So I considered the word solution. As an architect, I am used to defining it as an end product resulting from a question; perhaps an architectural artifact that is a response to a program brief. However, this initial thought did not qualify the term solution, which I believe may be one of the hidden riddles behind Jacques’ question. The teaming of elegant and solution, took me back to my college years, when my mathematics professor talked about not only how to approach a problem, but how to solve it in an elegant manner. It took time to understand the professor’s statement, but accomplishing an elegant solution to a mathematical equation was much harder.

I often associate architecture with mathematics and claim that both disciplines are part of a problem-solving endeavor, resolving a problem by answering a question. Of course, there is much to say about how one asks the question—which has much to do with how a solution is proposed—but there is much more to this statement, especially in architecture where the relevance of the discipline is key to arguing that architecture is not building.

What I learned in mathematics during my college years was that the answer—the solution—can be offered in a variety of ways, but when the end product is referred to as elegant, or being an elegant solution, one is in front of something of a higher order. One can easily be effective in resolving a mathematical problem, but calling its method of resolution an elegant solution suggests that elegance is more about simplicity and ingenuity than being a question of aesthetics. So, what might elegant solution mean in architecture?

An elegant solution in architecture

Views of the staircase (author’s collection)
Image 7: Views of the staircase (author’s collection)
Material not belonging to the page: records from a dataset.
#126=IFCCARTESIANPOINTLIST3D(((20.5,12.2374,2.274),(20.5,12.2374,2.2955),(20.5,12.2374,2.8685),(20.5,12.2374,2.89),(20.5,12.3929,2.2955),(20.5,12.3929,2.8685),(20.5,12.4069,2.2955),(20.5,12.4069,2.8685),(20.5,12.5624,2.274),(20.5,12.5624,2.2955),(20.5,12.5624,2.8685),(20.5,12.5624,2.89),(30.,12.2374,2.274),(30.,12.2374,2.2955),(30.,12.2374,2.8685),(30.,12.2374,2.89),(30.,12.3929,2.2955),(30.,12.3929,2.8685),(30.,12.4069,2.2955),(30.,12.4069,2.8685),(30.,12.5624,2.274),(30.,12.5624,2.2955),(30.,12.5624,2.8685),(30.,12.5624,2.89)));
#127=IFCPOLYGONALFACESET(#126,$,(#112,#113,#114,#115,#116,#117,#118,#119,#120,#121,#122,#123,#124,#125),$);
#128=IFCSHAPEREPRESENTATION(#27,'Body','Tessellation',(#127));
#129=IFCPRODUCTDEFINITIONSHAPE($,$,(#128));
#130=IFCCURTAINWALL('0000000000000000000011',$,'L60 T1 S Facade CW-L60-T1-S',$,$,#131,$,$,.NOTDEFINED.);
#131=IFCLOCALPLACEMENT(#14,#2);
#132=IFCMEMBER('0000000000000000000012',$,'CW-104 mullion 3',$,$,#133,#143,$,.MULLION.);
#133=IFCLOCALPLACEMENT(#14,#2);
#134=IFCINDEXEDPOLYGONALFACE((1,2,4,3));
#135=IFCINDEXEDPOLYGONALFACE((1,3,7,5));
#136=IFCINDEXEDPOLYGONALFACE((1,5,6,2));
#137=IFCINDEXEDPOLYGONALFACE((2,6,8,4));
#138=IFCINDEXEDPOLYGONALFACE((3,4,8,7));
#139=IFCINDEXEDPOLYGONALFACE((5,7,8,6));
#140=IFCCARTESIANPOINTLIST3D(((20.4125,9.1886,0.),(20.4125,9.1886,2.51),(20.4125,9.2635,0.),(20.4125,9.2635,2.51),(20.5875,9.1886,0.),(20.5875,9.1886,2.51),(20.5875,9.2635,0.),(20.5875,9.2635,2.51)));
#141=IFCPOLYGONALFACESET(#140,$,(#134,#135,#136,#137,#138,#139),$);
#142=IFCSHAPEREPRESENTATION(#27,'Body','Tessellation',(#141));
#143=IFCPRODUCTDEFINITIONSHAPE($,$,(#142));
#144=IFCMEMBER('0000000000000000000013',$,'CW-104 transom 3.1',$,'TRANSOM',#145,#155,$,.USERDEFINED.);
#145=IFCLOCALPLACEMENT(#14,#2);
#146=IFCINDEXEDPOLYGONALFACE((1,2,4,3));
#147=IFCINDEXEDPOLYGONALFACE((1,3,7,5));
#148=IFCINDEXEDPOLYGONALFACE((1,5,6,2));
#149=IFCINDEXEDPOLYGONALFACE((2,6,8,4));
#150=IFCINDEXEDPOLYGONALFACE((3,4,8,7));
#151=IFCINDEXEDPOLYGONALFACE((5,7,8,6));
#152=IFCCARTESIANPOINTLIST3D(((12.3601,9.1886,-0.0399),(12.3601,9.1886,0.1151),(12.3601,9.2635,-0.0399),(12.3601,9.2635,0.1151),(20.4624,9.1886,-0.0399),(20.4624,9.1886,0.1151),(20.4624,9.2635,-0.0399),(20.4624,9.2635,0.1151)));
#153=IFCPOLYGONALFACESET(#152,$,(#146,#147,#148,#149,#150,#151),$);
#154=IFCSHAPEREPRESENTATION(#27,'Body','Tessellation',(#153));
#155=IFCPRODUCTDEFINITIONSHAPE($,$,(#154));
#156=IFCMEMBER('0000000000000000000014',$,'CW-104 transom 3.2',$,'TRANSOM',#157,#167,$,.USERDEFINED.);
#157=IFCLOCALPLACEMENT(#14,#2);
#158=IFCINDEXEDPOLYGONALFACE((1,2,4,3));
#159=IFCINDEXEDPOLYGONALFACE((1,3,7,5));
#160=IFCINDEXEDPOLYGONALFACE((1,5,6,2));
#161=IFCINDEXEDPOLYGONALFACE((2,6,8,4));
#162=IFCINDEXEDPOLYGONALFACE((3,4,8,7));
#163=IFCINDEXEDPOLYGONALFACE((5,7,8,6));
Looking at the staircase in the Church, with its graceful ascension, and beautifully proportioned relationship between steps, risers, railing and detailing, and, above all, the interplay between functionality and aesthetics, one might well find an answer to Jacques’ riddle. That an elegant solution in architecture is as much about problem-solving in its execution as what is juste and not simply new. I refer to juste and new as I am reminded of Le Corbusier’s use of those words when writing about architecture.

What I take from the word juste (in French as Le Corbusier writes in that language) is that there is a constellation of factors that bring balance to the creation of an object in both its precision and exactitude (making and thinking). This is evident in Le Corbusier’s machine age writing where the call to order draws the analogies between architecture and boats, trains, airplanes, and industrial buildings such as granaries. This is how I teach my students, by having them calibrate and adjust their projects until they reach a degree equal to what I can now call an elegant solution, or simply being juste. However, juste is also used by Le Corbusier in a larger context as it relates to society (une société juste) where new is about form (une forme nouvelle). More about that in another blog.

 Views of the staircase (author’s collection)
Image 8: Views of the staircase (author’s collection)

In any project, there is a choice in resolution to a question, a programmatic brief or the idea of PROGRAM as a way to develop an argument, a THESIS. This endeavor underscores the need to find the best solution, in our case an elegant solution. Seeking an elegant solution is an approach that does not usually come to mind for the majority of people who try to solve the problem. In an elegant solution, despite the initial complexity, the end result is seemingly effortless, is simple, and is an effective resolution to the problem; one which often reveals an underlying intellectual beauty or in the case of architecture a way of designing. It is in the integration of simplicity and effectiveness that calls to mind the meaning of elegant solution.

Conclusion

 Details of the staircase (author’s collection)
Image 9: Details of the staircase (author’s collection)

Returning to Jacques Gubler, I was reminded that what made him an extraordinary teacher was that he brought disparate knowledge together in order to develop in his students a curiosity and passion for learning. Most important was Jacques’s tendence to provide questions that were atypical, often suggesting an unorthodox dialectic between ideas and themes that seemed at first incongruent.

The idea under scrutiny here—an elegant solution—remains complex and cannot be reduced to a one liner. How does the choice of an aesthetic, formality, type and expression of materials, construction methods, precision, or the process of calibration to name a few define what is an elegant solution. Or is it in a return to Le Corbusier’s term juste, that Jacques Gubler’s riddle finds the beginning of an answer?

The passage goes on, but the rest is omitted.